The Limits of Possibility
Nonlinearity of Representation
p28 Because information theory draws its theoretical underpinnings from thermodynamics and statistical mechanics, it understands material processes as implying a nonlinear relation between macrostates (such as averages, but also identities, subjectivities, societies and cultures) and microstates (the multiplicity of particles and interactions that underlie macro states in as much as they also involve irreversible processes). This has a double consequence for our understanding of the cultural politics of information: on the one hand, it implies a shift away from representation to modulation which emphasizes the power of the mutating and divergent; on the other hand, it locates informational dynamics outside the perspectival and three-dimensional space of modernity and within an immersive, multidimensional and transformative topology.
p 34 (t)he cultural politics of information does not address so much the threat of "disembodiment," or the disappearance of the body, but its microdissection and modulation, as it is split and decomposed into segments of variable and adjustable sizes.
The emergence of information as a concept, then, should also be related to the development of a set of techniques, including marketing strategies and techniques of communication management– as they attempt to capture the increasing randomness and volatility of culture.

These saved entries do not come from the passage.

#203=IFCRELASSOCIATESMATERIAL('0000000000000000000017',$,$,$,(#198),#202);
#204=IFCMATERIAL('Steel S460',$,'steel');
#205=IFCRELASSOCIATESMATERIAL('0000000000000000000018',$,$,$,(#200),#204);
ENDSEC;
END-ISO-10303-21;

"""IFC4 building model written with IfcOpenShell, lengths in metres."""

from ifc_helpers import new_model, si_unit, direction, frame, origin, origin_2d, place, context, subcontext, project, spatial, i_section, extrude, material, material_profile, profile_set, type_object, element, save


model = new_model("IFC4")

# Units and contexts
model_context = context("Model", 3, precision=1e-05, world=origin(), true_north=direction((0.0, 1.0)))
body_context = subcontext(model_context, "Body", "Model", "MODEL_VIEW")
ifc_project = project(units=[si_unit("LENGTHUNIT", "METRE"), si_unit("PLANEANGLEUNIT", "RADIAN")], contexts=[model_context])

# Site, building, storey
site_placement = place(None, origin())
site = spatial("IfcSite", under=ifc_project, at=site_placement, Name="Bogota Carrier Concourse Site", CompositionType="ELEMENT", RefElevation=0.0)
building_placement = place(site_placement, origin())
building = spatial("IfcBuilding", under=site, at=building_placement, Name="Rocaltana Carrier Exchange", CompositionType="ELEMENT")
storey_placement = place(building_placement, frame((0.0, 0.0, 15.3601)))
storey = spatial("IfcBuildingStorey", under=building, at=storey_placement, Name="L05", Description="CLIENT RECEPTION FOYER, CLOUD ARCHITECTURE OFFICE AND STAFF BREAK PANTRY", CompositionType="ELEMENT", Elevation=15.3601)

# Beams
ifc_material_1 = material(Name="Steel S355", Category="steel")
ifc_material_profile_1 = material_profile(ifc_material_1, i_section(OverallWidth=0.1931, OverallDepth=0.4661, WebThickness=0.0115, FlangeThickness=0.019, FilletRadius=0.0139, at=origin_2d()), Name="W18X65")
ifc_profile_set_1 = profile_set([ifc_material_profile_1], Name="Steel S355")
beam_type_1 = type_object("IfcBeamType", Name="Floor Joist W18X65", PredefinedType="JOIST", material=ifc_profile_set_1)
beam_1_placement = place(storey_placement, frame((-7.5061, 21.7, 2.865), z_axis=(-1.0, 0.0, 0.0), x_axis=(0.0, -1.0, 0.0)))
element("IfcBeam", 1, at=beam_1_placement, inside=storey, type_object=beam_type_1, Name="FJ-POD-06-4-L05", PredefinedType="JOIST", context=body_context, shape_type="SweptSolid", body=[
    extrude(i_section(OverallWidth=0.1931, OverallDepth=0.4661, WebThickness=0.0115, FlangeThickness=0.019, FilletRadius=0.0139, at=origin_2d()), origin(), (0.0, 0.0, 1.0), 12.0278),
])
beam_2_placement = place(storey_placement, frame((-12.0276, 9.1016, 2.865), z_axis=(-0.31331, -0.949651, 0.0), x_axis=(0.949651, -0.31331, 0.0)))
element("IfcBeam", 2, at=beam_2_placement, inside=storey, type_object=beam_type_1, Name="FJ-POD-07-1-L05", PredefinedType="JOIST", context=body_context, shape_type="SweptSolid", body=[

The New Economy apologists, for example, famously postulated three stages of media power: broadcasting, narrowcasting and point casting. The latter corresponded to a digital mode in which messages were not simply directed at groups but tailored to individuals and even sub-individual units (or as Gilles Deleuze called them, 'dividuals', which results from the decomposition of individuals into data clouds subject to automated integration and disintegration. )

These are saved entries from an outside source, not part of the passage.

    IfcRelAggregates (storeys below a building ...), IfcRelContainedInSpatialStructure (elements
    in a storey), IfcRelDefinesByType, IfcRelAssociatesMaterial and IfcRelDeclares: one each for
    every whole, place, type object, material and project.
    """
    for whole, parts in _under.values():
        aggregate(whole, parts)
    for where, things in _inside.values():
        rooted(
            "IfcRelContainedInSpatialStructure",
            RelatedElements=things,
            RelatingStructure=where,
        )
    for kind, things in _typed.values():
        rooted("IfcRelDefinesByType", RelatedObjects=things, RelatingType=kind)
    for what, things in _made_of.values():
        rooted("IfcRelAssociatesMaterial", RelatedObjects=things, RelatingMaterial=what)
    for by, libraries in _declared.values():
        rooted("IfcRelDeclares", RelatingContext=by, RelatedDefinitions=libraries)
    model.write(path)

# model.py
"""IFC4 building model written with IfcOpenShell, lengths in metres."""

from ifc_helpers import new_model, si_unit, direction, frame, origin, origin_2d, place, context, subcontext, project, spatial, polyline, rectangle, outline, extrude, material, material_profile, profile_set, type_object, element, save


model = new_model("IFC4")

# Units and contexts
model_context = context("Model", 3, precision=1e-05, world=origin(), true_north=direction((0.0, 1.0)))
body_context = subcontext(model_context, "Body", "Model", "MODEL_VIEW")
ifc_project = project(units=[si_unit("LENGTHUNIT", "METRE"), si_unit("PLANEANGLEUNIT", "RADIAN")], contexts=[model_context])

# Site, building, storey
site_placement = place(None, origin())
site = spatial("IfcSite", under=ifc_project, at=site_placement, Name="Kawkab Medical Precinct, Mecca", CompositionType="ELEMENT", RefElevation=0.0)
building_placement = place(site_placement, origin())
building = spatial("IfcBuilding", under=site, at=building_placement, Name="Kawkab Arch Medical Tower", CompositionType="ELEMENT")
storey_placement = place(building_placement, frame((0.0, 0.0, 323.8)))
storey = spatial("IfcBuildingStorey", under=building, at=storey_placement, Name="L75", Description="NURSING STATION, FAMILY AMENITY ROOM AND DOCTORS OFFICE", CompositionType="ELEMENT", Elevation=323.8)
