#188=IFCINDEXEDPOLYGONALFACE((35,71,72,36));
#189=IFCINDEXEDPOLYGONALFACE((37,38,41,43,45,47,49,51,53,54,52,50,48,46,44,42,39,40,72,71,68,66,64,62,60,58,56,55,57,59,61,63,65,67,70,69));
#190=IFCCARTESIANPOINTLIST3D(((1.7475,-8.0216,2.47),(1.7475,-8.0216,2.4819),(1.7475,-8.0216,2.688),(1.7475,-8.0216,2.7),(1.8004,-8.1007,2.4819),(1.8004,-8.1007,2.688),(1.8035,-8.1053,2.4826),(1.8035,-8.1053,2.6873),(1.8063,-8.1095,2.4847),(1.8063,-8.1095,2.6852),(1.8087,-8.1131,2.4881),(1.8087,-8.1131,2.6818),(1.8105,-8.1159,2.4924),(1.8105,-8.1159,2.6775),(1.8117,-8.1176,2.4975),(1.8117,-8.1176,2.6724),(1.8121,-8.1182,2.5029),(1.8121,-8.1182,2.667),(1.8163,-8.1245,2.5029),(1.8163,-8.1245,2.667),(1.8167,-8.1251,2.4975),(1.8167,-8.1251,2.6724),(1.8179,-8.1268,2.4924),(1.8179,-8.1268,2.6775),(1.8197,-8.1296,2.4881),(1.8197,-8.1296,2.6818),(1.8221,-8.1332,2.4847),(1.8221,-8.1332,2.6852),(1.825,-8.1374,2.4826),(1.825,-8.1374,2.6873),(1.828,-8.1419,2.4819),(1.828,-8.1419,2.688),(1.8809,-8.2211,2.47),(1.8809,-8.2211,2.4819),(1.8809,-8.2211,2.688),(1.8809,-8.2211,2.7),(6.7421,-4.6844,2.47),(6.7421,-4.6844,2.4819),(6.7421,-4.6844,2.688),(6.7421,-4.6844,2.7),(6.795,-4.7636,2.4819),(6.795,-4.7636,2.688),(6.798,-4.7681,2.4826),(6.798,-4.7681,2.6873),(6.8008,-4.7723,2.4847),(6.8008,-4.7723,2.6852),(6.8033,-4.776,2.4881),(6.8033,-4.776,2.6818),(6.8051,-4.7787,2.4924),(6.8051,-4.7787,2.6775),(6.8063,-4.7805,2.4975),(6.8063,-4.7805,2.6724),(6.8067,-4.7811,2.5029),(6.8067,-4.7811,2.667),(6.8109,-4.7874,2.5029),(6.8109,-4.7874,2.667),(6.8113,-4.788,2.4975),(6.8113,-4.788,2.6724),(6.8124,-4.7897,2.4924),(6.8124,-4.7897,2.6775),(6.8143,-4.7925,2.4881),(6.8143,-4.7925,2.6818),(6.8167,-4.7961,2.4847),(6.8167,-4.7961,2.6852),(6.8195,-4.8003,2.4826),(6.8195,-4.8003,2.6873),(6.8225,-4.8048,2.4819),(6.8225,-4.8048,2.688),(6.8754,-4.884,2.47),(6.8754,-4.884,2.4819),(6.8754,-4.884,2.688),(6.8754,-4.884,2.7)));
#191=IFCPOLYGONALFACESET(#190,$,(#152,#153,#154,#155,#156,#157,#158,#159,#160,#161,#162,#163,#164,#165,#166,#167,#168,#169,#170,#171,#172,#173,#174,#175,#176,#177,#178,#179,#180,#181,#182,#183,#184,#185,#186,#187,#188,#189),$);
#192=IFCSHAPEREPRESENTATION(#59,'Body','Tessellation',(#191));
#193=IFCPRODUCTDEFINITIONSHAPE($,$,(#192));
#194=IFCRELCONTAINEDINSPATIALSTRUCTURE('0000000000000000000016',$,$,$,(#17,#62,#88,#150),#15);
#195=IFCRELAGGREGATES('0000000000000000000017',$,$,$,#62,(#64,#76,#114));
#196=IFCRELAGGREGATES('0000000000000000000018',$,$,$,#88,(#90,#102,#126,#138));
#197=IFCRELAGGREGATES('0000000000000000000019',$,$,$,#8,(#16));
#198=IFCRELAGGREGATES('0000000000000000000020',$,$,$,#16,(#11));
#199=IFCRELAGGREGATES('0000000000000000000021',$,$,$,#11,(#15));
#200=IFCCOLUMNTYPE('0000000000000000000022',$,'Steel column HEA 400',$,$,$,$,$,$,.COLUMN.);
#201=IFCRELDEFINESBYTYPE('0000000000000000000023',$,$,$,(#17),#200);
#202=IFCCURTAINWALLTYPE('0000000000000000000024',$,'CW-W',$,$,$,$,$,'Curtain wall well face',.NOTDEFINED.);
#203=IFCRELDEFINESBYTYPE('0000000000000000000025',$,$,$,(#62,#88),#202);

p35 Gender, race and sexuality, the mantra of the cultural politics of difference in the 1980s and 1990s, have been reduced to recombinable elements, disassociated from their subjects and recomposed on a plane of modulation– a close sampling of the micromutations of the social, moving to the rhythm of market of market expansions and contractions.
p.35 (t)he foregrounding of informational flows across the socius also implies a crisis of representation (both linguistic and political). The statistical modulation of information is highly disruptive in its relation to representation because it undermines the perspectival and three-dimensional space which functions as a support for relations of mirrors and reflections as they engender subjects, identities and selves.
eg. recent developments in robotics and artificial intelligence representational map replaced by a direct relationship between sensors and motors
p.37 Space becomes informational not so much when it is computed by a machine, but when it presents an excess of sensory data, a radical indeterminacy in our knowledge, and a nonlinear temporality involving a multiplicity of mutating variables and different intersecting levels of observation and interaction. ... An informational space is inherently immersive, excessive and dynamic... It is not so much a three-dimensional, perspectival space where subjects carry out actions and relate to each other, but a field of displacements, mutations and movements that do not support the actions of a subject, but decompose it, recompose it and carry it along.